Data Validation and Visualisation
High-quality data is the precondition for analysing and using big data and for guaranteeing the value of the data. This module, introduces the data quality challenges faced by big data. It will present tools and techniques employed to ensure data quality from data collection and computational procedures to facilitate automatic or semi-automatic identification and elimination of errors in large datasets. The module also introduces the topic of understanding and interpreting data through descriptive statistical methods. This will be achieved through a range of techniques such as Statistical metrics, Univariate analysis and Multivariate analysis. Students will develop the knowledge to assess the quality of the data and the skills necessary to perform appropriate data cleaning operations. In addition, students will have an understanding of processing data and interpreting and visualising results.
Machine Learning and Data Modelling
This module covers Machine Learning both conceptually and practically. Students will be introduced to a variety of unsupervised and supervised Machine Learning techniques. Once the core concepts have been introduced they will be given practical experience of their use, application and evaluation through laboratory exercises and a project. The students will develop an in-depth understanding of the potential and scope of applying and evaluating the different forms of Machine Learning.

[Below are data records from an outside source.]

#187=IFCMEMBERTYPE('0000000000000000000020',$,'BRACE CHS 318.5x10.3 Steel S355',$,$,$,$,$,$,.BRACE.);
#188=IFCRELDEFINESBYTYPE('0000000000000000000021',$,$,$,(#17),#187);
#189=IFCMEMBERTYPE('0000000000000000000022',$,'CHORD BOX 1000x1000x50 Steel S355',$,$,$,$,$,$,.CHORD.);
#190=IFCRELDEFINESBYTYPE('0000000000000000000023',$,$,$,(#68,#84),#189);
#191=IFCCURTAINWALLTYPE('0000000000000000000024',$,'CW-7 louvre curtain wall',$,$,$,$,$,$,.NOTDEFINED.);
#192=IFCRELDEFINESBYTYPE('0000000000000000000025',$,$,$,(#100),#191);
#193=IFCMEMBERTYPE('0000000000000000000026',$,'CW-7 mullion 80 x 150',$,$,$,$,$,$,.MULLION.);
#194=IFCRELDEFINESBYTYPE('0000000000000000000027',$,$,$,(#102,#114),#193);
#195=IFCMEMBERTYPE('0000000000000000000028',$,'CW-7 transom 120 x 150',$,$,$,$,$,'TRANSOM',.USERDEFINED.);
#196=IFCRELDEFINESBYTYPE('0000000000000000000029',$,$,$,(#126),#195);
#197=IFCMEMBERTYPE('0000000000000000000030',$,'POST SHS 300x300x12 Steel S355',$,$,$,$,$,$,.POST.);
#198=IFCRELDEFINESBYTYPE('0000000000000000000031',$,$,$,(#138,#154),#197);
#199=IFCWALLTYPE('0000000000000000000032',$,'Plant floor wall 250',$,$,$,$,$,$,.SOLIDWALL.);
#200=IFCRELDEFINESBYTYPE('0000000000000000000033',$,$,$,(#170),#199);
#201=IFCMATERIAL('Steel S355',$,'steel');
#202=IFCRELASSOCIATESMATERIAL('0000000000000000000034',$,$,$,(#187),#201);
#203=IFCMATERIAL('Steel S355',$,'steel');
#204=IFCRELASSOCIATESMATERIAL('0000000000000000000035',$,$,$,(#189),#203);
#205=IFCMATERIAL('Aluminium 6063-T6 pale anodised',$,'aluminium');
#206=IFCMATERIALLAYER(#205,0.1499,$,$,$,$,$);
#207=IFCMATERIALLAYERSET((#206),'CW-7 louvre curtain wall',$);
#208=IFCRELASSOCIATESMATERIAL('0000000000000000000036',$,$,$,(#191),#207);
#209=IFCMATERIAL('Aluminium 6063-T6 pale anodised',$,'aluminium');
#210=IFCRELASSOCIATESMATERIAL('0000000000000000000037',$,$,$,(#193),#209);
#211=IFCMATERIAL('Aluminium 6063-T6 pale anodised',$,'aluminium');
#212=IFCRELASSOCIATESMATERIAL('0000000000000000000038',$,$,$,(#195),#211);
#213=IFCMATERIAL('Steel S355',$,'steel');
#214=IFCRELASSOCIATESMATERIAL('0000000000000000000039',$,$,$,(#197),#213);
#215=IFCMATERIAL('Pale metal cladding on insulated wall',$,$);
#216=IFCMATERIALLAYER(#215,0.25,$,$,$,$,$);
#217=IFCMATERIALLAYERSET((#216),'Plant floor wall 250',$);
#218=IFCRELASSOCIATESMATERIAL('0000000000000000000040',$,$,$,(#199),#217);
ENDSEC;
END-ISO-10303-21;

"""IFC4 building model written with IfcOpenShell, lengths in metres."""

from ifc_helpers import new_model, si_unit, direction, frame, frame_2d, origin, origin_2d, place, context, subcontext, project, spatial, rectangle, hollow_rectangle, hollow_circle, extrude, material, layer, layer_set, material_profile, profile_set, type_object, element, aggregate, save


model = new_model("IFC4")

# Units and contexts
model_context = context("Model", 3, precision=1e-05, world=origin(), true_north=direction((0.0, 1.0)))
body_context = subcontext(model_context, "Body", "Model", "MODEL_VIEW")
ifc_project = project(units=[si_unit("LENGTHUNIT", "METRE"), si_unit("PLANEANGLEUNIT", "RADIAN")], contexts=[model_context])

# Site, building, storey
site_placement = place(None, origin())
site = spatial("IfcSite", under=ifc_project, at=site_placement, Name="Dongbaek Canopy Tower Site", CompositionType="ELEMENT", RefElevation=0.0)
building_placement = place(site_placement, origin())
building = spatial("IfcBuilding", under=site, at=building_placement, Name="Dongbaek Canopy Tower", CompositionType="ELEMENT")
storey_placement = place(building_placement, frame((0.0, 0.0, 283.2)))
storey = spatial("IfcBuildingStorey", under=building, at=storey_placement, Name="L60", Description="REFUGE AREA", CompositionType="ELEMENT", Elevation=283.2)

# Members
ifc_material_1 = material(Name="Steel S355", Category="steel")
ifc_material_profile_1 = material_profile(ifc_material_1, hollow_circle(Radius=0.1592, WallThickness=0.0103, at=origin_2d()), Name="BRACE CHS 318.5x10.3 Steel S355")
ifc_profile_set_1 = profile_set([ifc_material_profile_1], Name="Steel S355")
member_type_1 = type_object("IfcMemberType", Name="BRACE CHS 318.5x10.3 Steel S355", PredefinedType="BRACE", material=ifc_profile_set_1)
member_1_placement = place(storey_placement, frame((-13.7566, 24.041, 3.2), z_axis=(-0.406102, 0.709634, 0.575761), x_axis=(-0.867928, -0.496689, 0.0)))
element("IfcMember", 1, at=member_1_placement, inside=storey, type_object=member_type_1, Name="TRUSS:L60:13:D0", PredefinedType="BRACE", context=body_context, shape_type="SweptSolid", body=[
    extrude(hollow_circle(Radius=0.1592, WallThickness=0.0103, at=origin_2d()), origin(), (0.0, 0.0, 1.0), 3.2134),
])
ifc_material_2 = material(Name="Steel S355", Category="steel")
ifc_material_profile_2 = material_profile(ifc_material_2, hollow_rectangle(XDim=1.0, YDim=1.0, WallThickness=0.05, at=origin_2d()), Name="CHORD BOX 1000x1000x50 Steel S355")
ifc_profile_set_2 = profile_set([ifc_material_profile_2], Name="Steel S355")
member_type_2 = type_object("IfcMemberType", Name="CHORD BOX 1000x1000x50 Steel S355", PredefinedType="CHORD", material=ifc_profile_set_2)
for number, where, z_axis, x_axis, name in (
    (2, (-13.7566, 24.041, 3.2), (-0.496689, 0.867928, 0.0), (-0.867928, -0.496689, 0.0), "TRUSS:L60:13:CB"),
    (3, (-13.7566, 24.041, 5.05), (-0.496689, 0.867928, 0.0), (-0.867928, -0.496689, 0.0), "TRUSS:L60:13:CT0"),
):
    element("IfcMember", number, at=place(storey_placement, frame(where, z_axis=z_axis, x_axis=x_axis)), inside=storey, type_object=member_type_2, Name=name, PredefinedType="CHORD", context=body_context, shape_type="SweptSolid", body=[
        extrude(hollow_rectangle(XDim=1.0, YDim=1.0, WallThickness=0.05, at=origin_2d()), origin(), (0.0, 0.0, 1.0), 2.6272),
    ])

This will allow them to develop a range of applications from simple practical implementations to large scale implementations.
Data Science Foundations
The focus of this module is to present an understanding of key data science concepts, tools and programming techniques. Within the arena of data science, the theory behind the approaches of statistics, modelling and machine learning will be introduced emphasising their importance and application to data analysis. The notion of investigative and research skills will also be introduced through a number of problem solving exercises. Material covered will be contextualised by providing examples of the latest research within the area. Students will also be introduced to programming with Python / R. They will learn the basics of syntax, and how to configure their development environment for implementation and testing of algorithms related to data science.
This module aims to contextualise the role of Business Intelligence (BI) and why we need BI systems. A particular focus will be on how to turn already stored data into valuable information and why this is important. Vast amounts of data regarding company's customers and operations is routinely collected and stored in large corporate data warehouses. This data can be of immense value if properly analysed. Students will explore techniques and tools for data analysis, and presentation of the results to non-technical and managerial staff, in alignment with business strategies. Big Data technologies do offer BI although however, they are open to certain ethical and consent issues along with risks. These will be analysed, reviewed and evaluated.
Big Data and Infrastructure
Within this module a variety of database and data storage paradigms will be explored, ranging from more traditional relational systems to NoSql and object stores, time series databases, semantic store and graph stores.
Consideration will be given to big data and the problem with storing and querying high volumes of highly variable data which is stored and processed at a high speed. The cloud computing paradigm will also be introduced and how to avail of its power and resources.
The core concepts of distributed computing will be examined in the context of Hadoop. Students will be taught, practically and theoretically, about the components of Hadoop, workflows, functional programming concepts, use of MapReduce, Spark, Pig, Hive and Sqoop.
Statistical Modelling and Data Mining
This module first provides a systematic understanding to probability and statistics. It then provides an in depth analysis of the statistical modelling process and how to answer hypothesised questions. Next, the module provides a synthesis of the concepts of data mining and methods of exploring data. The content will be delivered and experienced through lectures, seminars and practical exercises using tools, such as, Python, R and Weka. Online tools, such as Blackboard will be used to facilitate blended learning approach. On completing this module, students will be able to compute conditional probabilities and use null hypothesis significance testing to test the significance of results, and understand and compute statistical measures such as the p-value for these tests. Students will apply, evaluate and critically appraise this knowledge in a range of complex real world contexts.
Masters Project (Research)
The aim of the project is to allow the student to demonstrate their ability in undertaking an independent research project for developing theoretical perspectives, addressing research questions using data, or analysing and developing real world solutions. They will be expected to utilise appropriate methodologies and demonstrate the skills gained earlier in the course when implementing the project.
As part of the project development activity they will be required to extract and demonstrate knowledge from the literature in an analytic manner and develop ideas and appropriate analytical models. This may involve the collection of primary or secondary data and the qualitative or quantitative analysis of the data. This will typically be followed by a structured analysis of needs for a realistic application or actual organisation and identification and application of tools/techniques required to deliver a well formed solution. Through the project the student will develop capabilities to analyse cases studies related to data science and/or business intelligence, and create improvement plans and recommendations for their implementation based upon the tools/technologies experienced during the programme of study.
In summary the masters project represents a piece of work performed by the student under suitable staff supervision which draws both from the practical and creative nature of a problem solving project and the traditional, scholarly exposition of an area of study. The content of the work must be original and contain a critical appraisal of the subject area.